Reenkarnasyon sonucu yolu Titanik’e düşenlerin adeta zombileşerek hareket ettiği romanı okurken farkında olmadan bir Tarantino filminin içine düştüğünüzü hissedebiliyorsanız, iki sebebi vardır; bir, daha önceden bir Tarantino filmi izlemiş olmanız, iki, yazarın başarısı. Oysa romanda ne bir zombi vardır ne de reenkarnasyonunun bahçesine uğramış biri.
Britanya’nın Southampton limanından, sahibi Mareşal rütbeli gangster İgor Jaguar’ın olduğu Titanik gemisi 2019 yılında yola çıkar. Yolculardan biri kurpiyerlik yapan, Marco Montes’tir. İgor’un kızı, Marco’nun karısıdır. Ancak Marco’nun gözü, şıkır şıkır, fıkır fıkır, ecstasy almış gibi yerinde durmayan İgor’un kızı Jojo'da değildir. Tek hedefi, arzusu, dileği, amacı vardır; güzeller güzeli Şifa Şavk’ın gönlüne girebilmek, kalbini çalmak...
Romanın ana çıtasını oluşturan Marco’nun karşılıksız aşkı Şifa’nın peşinden koşmasını örgüleyen yazarın seçtiği karakter isimleri de en az romanın dili, konusu ve kurgusu kadar ilginç, eğlenceli ve oldukça da enteresan. Dr. Akula, Kurush Kumar, Apo Calypso, Refik Risk, Varda Rowa, Taha Tahir ve herkesi peşinden koşturan, kendine hayran bırakan güzeller güzeli, Kahire Kızılları örgütünün lideri, anestezi uzmanı Şifa Şavk bunlardan birkaçı.
YAZARIN NOTLARI...
Yazarın, romanı yazmaya başlarken önümde 3 bin sayfalık not vardı deyişini hissetmek, görmek pekâlâ mümkün. O kadar çok bilgi akışı var ki neredeyse Dünya tarihi kitabı okuyormuşsunuz hissine kapılıyorsunuz. Bu bilgi bombardımanını romanın bütününe o kadar güzel yayıp yerleştirmiş ki, okuyucunun rahatsız olmasından çok hikâyenin anlaşılmasını ve inandırıcılığını, mantığını desteklemek amacıyla, “bu romanda ürün yerleştirme yapılmıştır” demeye getirmiştir.
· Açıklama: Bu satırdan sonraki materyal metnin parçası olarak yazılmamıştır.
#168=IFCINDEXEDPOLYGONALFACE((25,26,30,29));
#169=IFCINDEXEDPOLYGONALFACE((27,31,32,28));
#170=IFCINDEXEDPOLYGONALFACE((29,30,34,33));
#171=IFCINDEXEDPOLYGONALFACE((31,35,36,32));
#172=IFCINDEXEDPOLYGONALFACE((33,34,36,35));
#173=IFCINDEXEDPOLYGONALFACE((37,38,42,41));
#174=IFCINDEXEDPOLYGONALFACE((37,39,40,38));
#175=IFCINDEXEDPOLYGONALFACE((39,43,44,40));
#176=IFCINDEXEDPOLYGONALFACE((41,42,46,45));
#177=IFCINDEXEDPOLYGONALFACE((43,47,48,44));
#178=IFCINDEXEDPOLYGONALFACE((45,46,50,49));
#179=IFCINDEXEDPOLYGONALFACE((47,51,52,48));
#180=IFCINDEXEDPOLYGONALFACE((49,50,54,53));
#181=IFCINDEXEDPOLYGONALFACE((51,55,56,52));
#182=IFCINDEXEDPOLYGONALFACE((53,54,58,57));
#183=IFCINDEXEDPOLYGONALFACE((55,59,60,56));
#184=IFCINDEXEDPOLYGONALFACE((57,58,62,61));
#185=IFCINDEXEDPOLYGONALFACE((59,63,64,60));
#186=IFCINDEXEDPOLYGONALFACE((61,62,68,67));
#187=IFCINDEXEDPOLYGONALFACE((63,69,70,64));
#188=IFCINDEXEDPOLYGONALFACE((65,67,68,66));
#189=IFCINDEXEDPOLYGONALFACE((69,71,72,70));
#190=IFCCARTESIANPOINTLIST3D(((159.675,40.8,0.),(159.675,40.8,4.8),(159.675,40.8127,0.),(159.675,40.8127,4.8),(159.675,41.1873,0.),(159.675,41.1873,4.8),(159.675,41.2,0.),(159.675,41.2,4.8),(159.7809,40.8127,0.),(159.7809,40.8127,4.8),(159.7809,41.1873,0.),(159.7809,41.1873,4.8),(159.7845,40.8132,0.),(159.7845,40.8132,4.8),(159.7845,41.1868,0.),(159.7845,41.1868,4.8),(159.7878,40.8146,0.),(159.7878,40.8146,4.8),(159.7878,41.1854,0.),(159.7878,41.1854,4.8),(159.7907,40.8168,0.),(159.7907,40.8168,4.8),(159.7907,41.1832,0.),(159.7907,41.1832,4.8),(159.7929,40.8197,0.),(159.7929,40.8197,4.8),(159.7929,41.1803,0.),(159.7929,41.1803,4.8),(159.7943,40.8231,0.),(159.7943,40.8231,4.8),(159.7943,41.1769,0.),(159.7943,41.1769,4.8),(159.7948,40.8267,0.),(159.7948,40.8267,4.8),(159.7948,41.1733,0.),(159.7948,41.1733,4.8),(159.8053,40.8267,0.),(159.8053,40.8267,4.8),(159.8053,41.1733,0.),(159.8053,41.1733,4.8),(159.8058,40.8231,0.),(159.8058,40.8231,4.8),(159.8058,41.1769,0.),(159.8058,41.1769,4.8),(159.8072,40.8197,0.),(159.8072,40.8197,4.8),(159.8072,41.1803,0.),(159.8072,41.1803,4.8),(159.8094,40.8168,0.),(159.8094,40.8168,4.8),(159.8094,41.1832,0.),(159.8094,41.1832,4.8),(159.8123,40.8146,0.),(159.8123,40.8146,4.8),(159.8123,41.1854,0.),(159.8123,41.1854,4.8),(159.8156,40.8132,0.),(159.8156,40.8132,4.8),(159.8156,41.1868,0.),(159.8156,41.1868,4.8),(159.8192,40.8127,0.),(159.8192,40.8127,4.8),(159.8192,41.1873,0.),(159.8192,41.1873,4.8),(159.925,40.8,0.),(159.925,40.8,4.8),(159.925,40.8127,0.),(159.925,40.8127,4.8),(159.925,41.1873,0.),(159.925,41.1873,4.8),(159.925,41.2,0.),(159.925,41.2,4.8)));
Bunlardan 'aforizma' niteliğindeki birkaç tespiti alıntılayalım:
“Ecel, bir kez daha fanilerin gündemindeydi. Titanik, akıbeti sayesinde ölümsüzleşiyordu. Hepimiz aynı tabuttaydık.” ( sf. 25)
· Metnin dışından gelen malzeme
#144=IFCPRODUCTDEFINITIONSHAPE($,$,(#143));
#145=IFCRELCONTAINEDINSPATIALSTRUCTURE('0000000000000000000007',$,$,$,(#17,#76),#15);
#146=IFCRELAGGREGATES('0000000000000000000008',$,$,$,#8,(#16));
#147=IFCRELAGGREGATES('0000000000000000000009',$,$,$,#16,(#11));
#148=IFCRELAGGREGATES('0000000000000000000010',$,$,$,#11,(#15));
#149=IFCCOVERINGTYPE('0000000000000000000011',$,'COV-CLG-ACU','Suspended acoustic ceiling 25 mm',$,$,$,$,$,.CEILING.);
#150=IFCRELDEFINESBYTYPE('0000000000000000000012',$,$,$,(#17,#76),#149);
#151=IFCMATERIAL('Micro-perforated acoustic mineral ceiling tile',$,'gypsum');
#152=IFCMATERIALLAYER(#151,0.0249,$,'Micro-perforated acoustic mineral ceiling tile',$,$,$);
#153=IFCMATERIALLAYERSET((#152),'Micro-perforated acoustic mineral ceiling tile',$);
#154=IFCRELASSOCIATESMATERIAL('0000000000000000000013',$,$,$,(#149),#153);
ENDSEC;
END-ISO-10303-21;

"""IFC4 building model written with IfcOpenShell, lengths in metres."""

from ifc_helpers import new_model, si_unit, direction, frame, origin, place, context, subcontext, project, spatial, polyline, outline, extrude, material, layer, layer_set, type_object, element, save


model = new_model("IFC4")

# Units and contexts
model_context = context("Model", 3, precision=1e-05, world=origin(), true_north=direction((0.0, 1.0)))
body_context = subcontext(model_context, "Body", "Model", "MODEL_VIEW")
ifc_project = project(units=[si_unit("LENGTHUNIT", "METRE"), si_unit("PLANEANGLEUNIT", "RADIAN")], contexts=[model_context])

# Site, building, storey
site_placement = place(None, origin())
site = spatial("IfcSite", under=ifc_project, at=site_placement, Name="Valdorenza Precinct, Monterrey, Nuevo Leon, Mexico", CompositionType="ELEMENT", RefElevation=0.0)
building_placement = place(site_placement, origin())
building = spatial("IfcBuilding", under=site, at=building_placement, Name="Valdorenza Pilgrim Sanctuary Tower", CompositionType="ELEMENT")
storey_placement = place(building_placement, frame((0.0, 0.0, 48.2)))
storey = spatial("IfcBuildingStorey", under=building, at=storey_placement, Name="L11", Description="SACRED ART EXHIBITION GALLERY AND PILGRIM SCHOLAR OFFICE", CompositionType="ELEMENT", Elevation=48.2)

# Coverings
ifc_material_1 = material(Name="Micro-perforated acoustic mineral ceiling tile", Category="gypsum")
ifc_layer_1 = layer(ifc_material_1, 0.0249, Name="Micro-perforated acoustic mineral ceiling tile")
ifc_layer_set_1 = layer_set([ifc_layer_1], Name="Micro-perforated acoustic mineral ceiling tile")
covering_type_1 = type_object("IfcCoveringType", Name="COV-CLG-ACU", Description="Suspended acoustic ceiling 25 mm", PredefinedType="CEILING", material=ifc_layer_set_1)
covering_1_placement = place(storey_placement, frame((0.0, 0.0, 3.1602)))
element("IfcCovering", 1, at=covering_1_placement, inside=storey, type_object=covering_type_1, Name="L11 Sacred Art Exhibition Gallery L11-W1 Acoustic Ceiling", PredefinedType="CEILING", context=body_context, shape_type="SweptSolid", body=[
“Kamaranın penceresinden okyanusa, soğuk balık çorbasına baktım.” ( sf.29)
“Karnındaki bebek, onun bodyguardıydı. Doğmamış çocuk, beni doğduğuma pişman etmişti.” ( sf.38)
“Gaddar kimseler, yanılgılarından imal ettikleri sahte dürüstlükten güç alırlar. Bana sökmez, zalimlik, cimrilik ve büyüklenme; aptallığı örtmede kullanılan aptallıklardır.” ( sf. 40)
“Öyle sarhoştu ki, karnındaki bebek bile hıçkırıyordu.” ( sf.67)
“Para, insanlığın altıncı hissidir.” ( sf.81)
“Açlık, korkuyu ve diğer her şeyi er geç bastırır.” ( sf. 86)
“Katiller hijyenden muaf değiller.” ( sf. 86)
“Mutluluk, sahteliğe, gırtlağına kadar borçludur.” ( sf.123)
“Cömertlik alelade bir ödeve dönüşür.” ( sf. 125)
“Klişeler dâhiyanedir, bayım. Tek kusurları yenilik vasıflarını yitirmiş olmalarıdır.” (sf. 126)
“Özgürlük, bilinç, kişilik, şüphe, muhakeme ve eleştiri. Bu 6 kavram, birbirine öyle sıkı bağlı ki, biri eksildi mi, diğerleri azalıyor.” ( sf. 183)
“Horkheimer [ 1895-1973] “Felsefe, her türlü korkunun, düşünme yetisini köreltmesine karşı durmaktır” demiş.” ( sf.184)
“Ödlekler başkalarına acırlar fakat cesaret edip onları savunmazlar.” ( Sf.223)
“Korkudan fayda gelebilir fakat korkaktan asla.” ( sf. 276)
TÜM KARAKTERLER AYNI ŞEKİLDE KONUŞUYOR!
Dört bölümden oluşan romanın karakterlerinin hepsinin aynı şekilde konuşması yazarın gözünden kaçtığını sanmıyorum; özellikle tercih etmesi, romanın bütünündeki atmosferi, ahengi, ritmi bozmamak için düşünmüş olabilir. Fakat bir Rus olan İgor Jaguar’ın Arapça kökenli kelimelerden yardım alarak kitabın bütününe hakim olan dilde konuşması üzerinde durulması gereken bir ayrıntı.
MENTEŞ'İN BİLGİ YÜKLEMELERİ
“Fakat ölümün yaydığı kahredici ciddiyetsizliği inkâr etmekle nereye varılabilir? Bir parazit kolonisi mesabesindeki beşeriyet, muhayyel hakikate tutunma hevesiyle mi ihya olacak?” ( sf.136)
Başka bir yerde, Refik Risk, Şifa’ya mail atarken bilgi yüklemeden duramıyor:
“1586’da dikilen dev Buda heykeli, Japon İmparatorluğundaki bütün kılıçlar toplanıp eritilerek yapılmış.” ( sf. 269)
Aşk ile belanın aynı anlama geldiği romanda yazar evliliğe ciddi eleştiriler de getiriyor:
“Bilirsiniz işte aile başlı başına bir anormallik kolektifidir. Eziklerin örgütü. ( sf. 245)
“Nikâh yüzüğü ve evlilik cüzdanı hiçbir zaman özgürlüğün sembolü olmamıştır.” ( sf. 248)
Olayın 2019’da geçmesi kitabın kapağına da yansıyor; gözü yoran, ledli, neon ışıklı tasarım neredeyse gelecekten haber verir nitelikte. Soluksuz okunabilen Antika Titanik, polisiye ile felsefeyi birleştiren bir roman.